Check out this lesson video https://www.youtube.com/watch?time_continue=1&v=rhVIF-nigrY It is taken from extra-curricular section of Deep Learning 24. Gradient Descent
Compare gradient descent with the closed form approach used within the cvxpy in this lesson video https://www.youtube.com/watch?time_continue=118&v=ISRlP1GeOjU Also check out this blog with 1. and 2. bullet points for quick comparison. https://sebastianraschka.com/faq/docs/closed-form-vs-gd.html
The function get_h_star correctly optimizes the objective function using the following functions obj_func, grad_func, and scipy.optimize.fmin_l_bfgs_b.
The returned h_star should have shape (2265,)
The function get_risk_exposures correctly calculates the portfolio’s risk exposures
The returned risk_exposures Pandas series should have shape (77,). The index of this Pandas Series should correspond to the risk factors such as ‘USFASTD_AERODEF’, ‘USFASTD_AIRLINES’, ‘USFASTD_ALUMSTEL’, ……
The function get_portfolio_alpha_exposure correctly calculates the portfolio’s alpha exposures.
The returned portfolio_alpha_exposure Pandas series should have shape (4,). The index of this Pandas Series should should correspond to the 4 alpha factors chosen at the beginning, namely:
"USFASTD_1DREVRSL" "USFASTD_EARNYILD" "USFASTD_VALUE" "USFASTD_SENTMT"
Transaction Costs
The function get_total_transaction_costs correctly calculates the total transaction costs according to the equation given in the notebook.
You can always pickle and serialize these objects and save it to the workspace.

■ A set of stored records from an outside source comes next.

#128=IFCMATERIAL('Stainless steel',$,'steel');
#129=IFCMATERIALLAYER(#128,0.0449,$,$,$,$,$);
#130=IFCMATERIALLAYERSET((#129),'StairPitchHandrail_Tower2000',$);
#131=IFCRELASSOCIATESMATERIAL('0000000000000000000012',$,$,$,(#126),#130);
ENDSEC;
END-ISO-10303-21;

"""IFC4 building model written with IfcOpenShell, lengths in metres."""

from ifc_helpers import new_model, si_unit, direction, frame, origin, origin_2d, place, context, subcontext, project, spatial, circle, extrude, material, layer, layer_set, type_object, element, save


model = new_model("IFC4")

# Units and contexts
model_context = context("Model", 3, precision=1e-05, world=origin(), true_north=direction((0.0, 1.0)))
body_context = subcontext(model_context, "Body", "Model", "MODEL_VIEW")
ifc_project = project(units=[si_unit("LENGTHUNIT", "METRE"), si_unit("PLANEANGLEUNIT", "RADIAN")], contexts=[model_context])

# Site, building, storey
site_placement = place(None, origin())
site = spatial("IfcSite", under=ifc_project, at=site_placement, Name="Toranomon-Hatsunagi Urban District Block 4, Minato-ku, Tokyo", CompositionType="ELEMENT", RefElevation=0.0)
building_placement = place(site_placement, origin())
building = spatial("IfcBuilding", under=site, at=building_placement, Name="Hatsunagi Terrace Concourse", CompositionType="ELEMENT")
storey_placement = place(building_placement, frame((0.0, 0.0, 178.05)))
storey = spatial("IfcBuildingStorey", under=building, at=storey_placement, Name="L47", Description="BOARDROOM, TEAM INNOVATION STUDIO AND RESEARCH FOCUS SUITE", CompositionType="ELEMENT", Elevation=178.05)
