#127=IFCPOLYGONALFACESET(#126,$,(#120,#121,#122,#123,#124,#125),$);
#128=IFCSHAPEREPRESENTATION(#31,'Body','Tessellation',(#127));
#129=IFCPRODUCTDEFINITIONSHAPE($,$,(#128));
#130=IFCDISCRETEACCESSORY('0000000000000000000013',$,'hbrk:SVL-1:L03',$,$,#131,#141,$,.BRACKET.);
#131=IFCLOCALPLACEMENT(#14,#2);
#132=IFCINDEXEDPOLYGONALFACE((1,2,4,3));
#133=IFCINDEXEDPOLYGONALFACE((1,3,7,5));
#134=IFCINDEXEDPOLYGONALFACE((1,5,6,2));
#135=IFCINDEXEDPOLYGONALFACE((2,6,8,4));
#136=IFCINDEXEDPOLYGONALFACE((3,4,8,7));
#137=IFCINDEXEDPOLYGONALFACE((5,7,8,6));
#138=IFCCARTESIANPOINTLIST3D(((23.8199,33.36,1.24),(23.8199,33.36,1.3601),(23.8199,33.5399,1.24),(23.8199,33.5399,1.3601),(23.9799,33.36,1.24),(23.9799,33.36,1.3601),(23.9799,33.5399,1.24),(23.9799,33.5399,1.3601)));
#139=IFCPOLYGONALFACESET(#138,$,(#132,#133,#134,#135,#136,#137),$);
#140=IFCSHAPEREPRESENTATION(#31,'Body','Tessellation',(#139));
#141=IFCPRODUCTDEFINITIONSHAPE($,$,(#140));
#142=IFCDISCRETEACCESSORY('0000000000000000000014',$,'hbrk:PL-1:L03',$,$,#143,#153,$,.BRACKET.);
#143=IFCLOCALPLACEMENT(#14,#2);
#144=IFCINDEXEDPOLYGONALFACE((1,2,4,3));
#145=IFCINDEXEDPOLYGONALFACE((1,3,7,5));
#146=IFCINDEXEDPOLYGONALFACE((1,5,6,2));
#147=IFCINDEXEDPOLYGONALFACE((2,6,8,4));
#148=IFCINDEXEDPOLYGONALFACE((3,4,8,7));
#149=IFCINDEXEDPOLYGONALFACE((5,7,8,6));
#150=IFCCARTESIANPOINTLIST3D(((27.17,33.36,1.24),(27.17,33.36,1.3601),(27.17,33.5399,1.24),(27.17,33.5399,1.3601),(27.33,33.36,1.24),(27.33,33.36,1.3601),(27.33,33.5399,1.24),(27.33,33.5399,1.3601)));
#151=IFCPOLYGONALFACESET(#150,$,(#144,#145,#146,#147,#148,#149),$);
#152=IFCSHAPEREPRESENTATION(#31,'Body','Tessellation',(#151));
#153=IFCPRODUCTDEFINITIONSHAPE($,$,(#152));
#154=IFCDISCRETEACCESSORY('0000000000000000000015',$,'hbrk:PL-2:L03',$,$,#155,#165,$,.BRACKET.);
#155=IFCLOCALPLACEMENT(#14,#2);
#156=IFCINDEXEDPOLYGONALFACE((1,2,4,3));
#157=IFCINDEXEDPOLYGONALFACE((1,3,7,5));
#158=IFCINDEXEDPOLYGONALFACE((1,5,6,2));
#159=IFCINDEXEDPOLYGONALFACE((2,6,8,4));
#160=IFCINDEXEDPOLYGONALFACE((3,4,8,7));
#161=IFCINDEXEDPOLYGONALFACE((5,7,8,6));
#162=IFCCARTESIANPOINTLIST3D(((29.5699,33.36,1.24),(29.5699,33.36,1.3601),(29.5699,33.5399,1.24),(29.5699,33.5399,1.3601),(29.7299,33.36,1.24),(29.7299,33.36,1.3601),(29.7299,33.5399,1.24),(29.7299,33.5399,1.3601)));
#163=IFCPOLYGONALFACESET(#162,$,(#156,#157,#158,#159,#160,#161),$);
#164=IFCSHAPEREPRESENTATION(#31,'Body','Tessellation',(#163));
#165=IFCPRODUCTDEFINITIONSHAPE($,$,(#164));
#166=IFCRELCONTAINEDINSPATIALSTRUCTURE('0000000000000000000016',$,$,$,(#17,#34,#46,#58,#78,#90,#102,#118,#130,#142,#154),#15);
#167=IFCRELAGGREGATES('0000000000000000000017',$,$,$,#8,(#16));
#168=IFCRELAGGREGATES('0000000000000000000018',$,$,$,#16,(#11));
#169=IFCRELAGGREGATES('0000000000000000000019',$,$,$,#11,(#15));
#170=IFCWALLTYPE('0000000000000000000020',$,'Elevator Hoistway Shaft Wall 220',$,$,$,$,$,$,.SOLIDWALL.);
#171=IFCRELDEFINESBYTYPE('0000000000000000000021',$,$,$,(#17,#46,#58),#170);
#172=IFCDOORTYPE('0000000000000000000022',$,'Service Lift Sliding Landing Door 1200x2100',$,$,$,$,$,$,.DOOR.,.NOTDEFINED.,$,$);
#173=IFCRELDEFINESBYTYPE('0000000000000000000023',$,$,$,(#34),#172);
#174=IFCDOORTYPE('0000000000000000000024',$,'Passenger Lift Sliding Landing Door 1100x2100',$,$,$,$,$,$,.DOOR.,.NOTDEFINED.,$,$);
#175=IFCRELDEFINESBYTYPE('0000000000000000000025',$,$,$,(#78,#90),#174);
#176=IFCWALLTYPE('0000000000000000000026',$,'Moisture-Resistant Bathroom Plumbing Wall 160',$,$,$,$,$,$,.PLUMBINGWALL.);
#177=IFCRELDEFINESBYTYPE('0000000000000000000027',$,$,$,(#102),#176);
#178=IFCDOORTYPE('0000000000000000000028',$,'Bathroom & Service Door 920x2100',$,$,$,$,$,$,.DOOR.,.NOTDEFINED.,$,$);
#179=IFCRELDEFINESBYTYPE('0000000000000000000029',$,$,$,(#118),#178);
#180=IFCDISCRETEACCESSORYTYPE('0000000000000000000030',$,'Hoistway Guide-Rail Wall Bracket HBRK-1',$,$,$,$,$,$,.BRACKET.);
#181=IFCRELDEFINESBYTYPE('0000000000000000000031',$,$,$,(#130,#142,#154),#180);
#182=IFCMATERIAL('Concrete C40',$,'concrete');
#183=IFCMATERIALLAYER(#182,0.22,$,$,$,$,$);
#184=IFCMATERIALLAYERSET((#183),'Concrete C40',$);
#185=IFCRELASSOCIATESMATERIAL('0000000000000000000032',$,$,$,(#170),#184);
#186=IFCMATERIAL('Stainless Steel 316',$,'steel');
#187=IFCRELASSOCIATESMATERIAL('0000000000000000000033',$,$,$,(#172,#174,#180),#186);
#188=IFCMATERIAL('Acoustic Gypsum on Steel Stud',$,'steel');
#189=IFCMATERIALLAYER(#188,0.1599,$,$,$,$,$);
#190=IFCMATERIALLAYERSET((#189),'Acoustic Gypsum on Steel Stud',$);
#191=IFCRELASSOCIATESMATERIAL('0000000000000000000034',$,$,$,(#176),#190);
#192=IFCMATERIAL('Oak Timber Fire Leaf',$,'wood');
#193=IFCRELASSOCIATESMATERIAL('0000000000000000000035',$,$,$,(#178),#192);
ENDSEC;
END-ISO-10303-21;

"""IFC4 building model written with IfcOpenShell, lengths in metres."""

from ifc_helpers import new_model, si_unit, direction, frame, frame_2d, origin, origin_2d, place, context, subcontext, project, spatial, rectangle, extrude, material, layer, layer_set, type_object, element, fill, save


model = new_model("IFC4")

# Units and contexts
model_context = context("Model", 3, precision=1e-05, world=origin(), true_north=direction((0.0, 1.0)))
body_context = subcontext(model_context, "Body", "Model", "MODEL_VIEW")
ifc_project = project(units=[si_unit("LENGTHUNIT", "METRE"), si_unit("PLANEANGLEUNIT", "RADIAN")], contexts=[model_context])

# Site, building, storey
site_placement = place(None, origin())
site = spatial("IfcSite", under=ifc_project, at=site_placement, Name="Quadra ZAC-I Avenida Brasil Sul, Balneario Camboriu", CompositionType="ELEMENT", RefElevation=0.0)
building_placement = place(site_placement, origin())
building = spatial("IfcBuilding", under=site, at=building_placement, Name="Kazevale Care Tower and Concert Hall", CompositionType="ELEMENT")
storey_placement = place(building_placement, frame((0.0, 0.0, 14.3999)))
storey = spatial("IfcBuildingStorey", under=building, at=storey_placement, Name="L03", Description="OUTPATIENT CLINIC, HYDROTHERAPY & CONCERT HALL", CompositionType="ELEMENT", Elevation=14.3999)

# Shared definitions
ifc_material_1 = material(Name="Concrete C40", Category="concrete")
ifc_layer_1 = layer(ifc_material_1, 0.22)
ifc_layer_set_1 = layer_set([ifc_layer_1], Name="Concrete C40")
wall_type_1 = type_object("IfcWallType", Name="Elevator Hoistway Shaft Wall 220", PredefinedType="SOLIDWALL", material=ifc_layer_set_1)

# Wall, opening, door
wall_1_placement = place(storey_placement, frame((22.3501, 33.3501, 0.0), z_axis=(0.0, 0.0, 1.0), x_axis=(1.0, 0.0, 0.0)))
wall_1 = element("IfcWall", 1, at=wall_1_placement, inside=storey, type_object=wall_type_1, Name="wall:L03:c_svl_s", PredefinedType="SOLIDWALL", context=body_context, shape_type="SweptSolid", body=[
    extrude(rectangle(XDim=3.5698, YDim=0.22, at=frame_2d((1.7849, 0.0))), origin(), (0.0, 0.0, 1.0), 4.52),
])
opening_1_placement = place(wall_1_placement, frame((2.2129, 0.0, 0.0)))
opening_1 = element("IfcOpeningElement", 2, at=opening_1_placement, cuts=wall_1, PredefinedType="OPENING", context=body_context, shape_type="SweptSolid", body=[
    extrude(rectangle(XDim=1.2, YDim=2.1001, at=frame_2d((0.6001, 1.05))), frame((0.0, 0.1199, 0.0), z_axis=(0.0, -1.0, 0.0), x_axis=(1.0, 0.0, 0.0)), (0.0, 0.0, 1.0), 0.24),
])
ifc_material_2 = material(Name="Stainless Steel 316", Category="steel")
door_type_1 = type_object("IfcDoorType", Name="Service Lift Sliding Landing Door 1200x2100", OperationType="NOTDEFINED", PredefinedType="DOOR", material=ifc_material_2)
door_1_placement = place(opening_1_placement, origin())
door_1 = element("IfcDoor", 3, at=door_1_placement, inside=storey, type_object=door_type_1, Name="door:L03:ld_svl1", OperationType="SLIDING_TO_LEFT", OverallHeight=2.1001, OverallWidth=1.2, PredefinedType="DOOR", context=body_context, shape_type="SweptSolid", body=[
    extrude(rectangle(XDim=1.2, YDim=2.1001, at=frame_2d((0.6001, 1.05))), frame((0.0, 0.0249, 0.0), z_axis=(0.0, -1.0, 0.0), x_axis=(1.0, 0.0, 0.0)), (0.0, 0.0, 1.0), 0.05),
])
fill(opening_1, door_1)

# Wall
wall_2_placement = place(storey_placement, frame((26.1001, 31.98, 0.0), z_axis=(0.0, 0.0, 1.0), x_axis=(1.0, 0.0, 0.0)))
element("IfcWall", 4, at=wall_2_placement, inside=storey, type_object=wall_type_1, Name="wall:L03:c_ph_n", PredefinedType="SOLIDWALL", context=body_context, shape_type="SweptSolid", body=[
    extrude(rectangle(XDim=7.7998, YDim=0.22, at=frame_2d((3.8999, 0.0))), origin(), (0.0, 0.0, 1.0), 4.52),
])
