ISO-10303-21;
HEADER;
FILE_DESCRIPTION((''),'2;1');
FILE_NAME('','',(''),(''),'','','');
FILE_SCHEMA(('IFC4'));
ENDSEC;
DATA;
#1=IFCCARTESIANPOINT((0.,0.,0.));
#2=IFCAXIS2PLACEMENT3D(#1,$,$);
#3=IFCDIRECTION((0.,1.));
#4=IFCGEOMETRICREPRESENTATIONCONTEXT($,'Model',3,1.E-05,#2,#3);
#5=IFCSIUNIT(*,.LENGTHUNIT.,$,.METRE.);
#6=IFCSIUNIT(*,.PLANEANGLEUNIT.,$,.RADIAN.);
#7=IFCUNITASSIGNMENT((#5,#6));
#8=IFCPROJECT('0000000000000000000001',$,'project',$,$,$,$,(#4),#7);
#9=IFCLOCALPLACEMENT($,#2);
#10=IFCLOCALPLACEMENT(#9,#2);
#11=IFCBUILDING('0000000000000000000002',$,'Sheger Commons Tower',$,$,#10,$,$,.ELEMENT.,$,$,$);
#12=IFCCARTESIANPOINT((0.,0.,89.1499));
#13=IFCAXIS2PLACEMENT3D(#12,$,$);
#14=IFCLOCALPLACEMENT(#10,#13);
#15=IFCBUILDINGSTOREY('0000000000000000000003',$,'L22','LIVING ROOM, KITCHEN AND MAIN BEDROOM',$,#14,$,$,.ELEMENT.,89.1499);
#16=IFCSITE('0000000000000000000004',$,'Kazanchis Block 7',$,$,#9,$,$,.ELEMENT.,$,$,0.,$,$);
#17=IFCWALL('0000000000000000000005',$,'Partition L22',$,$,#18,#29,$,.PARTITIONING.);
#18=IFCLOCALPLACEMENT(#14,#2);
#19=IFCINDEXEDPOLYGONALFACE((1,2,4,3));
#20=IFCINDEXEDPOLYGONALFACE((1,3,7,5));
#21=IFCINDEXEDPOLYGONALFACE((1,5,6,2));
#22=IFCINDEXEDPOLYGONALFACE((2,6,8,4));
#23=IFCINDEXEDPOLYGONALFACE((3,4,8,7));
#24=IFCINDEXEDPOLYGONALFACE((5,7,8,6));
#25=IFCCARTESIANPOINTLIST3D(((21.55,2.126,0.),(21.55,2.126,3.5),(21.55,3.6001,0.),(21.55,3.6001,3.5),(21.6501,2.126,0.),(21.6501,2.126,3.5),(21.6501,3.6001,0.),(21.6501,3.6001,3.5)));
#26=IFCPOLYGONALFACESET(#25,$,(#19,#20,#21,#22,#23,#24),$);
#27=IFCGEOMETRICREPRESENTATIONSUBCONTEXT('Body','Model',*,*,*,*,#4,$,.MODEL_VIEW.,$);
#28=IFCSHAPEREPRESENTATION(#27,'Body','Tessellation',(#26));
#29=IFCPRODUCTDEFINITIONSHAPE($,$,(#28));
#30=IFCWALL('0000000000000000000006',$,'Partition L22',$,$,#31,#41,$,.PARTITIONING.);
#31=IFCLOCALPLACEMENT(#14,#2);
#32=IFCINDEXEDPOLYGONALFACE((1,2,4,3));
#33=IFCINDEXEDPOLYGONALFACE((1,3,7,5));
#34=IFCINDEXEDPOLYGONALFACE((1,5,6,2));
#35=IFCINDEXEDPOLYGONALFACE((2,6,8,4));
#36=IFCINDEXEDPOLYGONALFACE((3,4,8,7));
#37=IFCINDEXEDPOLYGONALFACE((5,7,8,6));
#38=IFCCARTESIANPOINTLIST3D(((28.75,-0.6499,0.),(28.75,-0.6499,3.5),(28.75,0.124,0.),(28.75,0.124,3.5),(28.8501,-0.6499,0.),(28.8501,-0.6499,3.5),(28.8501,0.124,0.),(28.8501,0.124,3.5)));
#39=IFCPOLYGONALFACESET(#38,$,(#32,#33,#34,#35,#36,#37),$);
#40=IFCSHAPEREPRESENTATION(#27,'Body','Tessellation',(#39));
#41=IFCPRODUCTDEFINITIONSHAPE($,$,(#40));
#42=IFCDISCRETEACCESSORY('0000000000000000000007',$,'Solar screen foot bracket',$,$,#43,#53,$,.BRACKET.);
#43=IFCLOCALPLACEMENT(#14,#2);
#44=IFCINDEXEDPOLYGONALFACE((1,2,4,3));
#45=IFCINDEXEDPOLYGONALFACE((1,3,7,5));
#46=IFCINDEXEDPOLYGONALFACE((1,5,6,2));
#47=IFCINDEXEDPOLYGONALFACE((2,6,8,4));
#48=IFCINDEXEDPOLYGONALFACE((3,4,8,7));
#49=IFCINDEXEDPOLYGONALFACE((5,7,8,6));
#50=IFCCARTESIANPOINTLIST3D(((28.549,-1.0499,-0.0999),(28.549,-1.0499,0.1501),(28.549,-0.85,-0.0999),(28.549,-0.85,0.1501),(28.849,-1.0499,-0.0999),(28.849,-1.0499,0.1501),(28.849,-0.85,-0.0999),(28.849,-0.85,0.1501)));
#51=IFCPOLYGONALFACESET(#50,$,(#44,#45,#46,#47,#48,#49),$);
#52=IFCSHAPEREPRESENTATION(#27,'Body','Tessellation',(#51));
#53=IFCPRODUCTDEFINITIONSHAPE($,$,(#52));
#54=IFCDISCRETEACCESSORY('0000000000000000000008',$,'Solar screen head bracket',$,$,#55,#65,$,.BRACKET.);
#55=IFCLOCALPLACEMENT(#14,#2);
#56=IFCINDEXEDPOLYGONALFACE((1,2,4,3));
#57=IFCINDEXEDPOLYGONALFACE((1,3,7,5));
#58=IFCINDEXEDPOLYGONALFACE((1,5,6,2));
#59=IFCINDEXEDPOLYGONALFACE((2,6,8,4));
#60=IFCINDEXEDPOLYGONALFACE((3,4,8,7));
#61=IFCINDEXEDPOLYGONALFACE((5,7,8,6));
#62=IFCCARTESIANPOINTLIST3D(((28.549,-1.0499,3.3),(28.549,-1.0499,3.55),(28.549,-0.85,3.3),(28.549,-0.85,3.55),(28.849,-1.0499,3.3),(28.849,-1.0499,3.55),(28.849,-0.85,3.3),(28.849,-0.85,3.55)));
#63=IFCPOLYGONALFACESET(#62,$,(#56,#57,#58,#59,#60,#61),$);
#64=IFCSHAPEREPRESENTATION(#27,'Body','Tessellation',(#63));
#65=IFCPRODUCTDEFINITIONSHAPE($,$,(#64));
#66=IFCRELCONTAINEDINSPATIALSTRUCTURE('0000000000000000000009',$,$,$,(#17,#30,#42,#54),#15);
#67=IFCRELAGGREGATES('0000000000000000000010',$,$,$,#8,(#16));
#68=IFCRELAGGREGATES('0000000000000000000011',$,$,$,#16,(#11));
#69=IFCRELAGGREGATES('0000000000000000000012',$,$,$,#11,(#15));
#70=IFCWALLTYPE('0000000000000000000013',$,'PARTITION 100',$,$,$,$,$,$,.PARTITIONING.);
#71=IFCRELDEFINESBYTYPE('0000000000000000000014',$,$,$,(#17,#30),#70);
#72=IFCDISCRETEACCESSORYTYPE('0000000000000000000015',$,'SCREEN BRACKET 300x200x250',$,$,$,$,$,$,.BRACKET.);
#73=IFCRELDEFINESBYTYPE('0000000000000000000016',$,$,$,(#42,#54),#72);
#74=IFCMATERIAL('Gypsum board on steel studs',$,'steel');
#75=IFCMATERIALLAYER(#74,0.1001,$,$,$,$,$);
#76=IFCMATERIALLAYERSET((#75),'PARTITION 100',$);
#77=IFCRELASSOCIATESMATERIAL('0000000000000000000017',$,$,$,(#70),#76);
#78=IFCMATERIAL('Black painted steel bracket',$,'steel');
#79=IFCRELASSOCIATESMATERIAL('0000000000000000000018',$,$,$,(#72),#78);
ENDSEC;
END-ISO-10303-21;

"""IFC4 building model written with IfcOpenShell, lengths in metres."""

from ifc_helpers import new_model, si_unit, direction, frame, frame_2d, origin, origin_2d, place, context, subcontext, project, spatial, rectangle, extrude, material, layer, layer_set, type_object, element, save


model = new_model("IFC4")

# Units and contexts
model_context = context("Model", 3, precision=1e-05, world=origin(), true_north=direction((0.0, 1.0)))
body_context = subcontext(model_context, "Body", "Model", "MODEL_VIEW")
ifc_project = project(units=[si_unit("LENGTHUNIT", "METRE"), si_unit("PLANEANGLEUNIT", "RADIAN")], contexts=[model_context])

# Site, building, storey
site_placement = place(None, origin())
site = spatial("IfcSite", under=ifc_project, at=site_placement, Name="Kazanchis Block 7", CompositionType="ELEMENT", RefElevation=0.0)
building_placement = place(site_placement, origin())
building = spatial("IfcBuilding", under=site, at=building_placement, Name="Sheger Commons Tower", CompositionType="ELEMENT")
storey_placement = place(building_placement, frame((0.0, 0.0, 89.1499)))
storey = spatial("IfcBuildingStorey", under=building, at=storey_placement, Name="L22", Description="LIVING ROOM, KITCHEN AND MAIN BEDROOM", CompositionType="ELEMENT", Elevation=89.1499)

# Shared definitions
ifc_material_1 = material(Name="Gypsum board on steel studs", Category="steel")
ifc_layer_1 = layer(ifc_material_1, 0.1001)
ifc_layer_set_1 = layer_set([ifc_layer_1], Name="PARTITION 100")
wall_type_1 = type_object("IfcWallType", Name="PARTITION 100", PredefinedType="PARTITIONING", material=ifc_layer_set_1)

# Walls
wall_1_placement = place(storey_placement, frame((21.6001, 2.126, 0.0), z_axis=(0.0, 0.0, 1.0), x_axis=(0.0, 1.0, 0.0)))
element("IfcWall", 1, at=wall_1_placement, inside=storey, type_object=wall_type_1, Name="Partition L22", PredefinedType="PARTITIONING", context=body_context, shape_type="SweptSolid", body=[
    extrude(rectangle(XDim=1.4741, YDim=0.1001, at=frame_2d((0.7371, 0.0))), origin(), (0.0, 0.0, 1.0), 3.5),
])
wall_2_placement = place(storey_placement, frame((28.8, -0.6499, 0.0), z_axis=(0.0, 0.0, 1.0), x_axis=(0.0, 1.0, 0.0)))
element("IfcWall", 2, at=wall_2_placement, inside=storey, type_object=wall_type_1, Name="Partition L22", PredefinedType="PARTITIONING", context=body_context, shape_type="SweptSolid", body=[
    extrude(rectangle(XDim=0.7739, YDim=0.1001, at=frame_2d((0.387, 0.0))), origin(), (0.0, 0.0, 1.0), 3.5),
])

# Discrete accessories
ifc_material_2 = material(Name="Black painted steel bracket", Category="steel")
discrete_accessory_type = type_object("IfcDiscreteAccessoryType", Name="SCREEN BRACKET 300x200x250", PredefinedType="BRACKET", material=ifc_material_2)
for number, where, z_axis, x_axis, name in (
    (3, (28.699, -0.95, -0.0999), (0.0, 0.0, 1.0), (1.0, 0.0, 0.0), "Solar screen foot bracket"),
    (4, (28.699, -0.95, 3.3), (0.0, 0.0, 1.0), (1.0, 0.0, 0.0), "Solar screen head bracket"),
):
    element("IfcDiscreteAccessory", number, at=place(storey_placement, frame(where, z_axis=z_axis, x_axis=x_axis)), inside=storey, type_object=discrete_accessory_type, Name=name, PredefinedType="BRACKET", context=body_context, shape_type="SweptSolid", body=[
        extrude(rectangle(XDim=0.3, YDim=0.2, at=origin_2d()), origin(), (0.0, 0.0, 1.0), 0.25),
    ])

save(model, "model.ifc")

So that you don’t have to re-run all the variables again. That is you can pick up the work where you left off in the last session. Below are the code snippets of pickling the port dictionary which can also be done the same for the trades, result and previous_holdings variables
#saving the port file
import pickle
pickle.dump( port, open( "file-name.p", "wb" ) )
#loading the port file
import pickle
port = pickle.load( open( "file-name.p", "rb" ) )
Profit-and-Loss (PnL) attribution
Calculate the PnL attributed to the alpha factors, the PnL attributed to the risk factors, and attribution to cost.
Calculate the alpha and risk exposures they must use the provided partial_dot_product function
Use the partial_dot_product function
Build portfolio characteristics
- Calculate the sum of long positions, short positions, net positions, gross market value, and amount of dollars traded.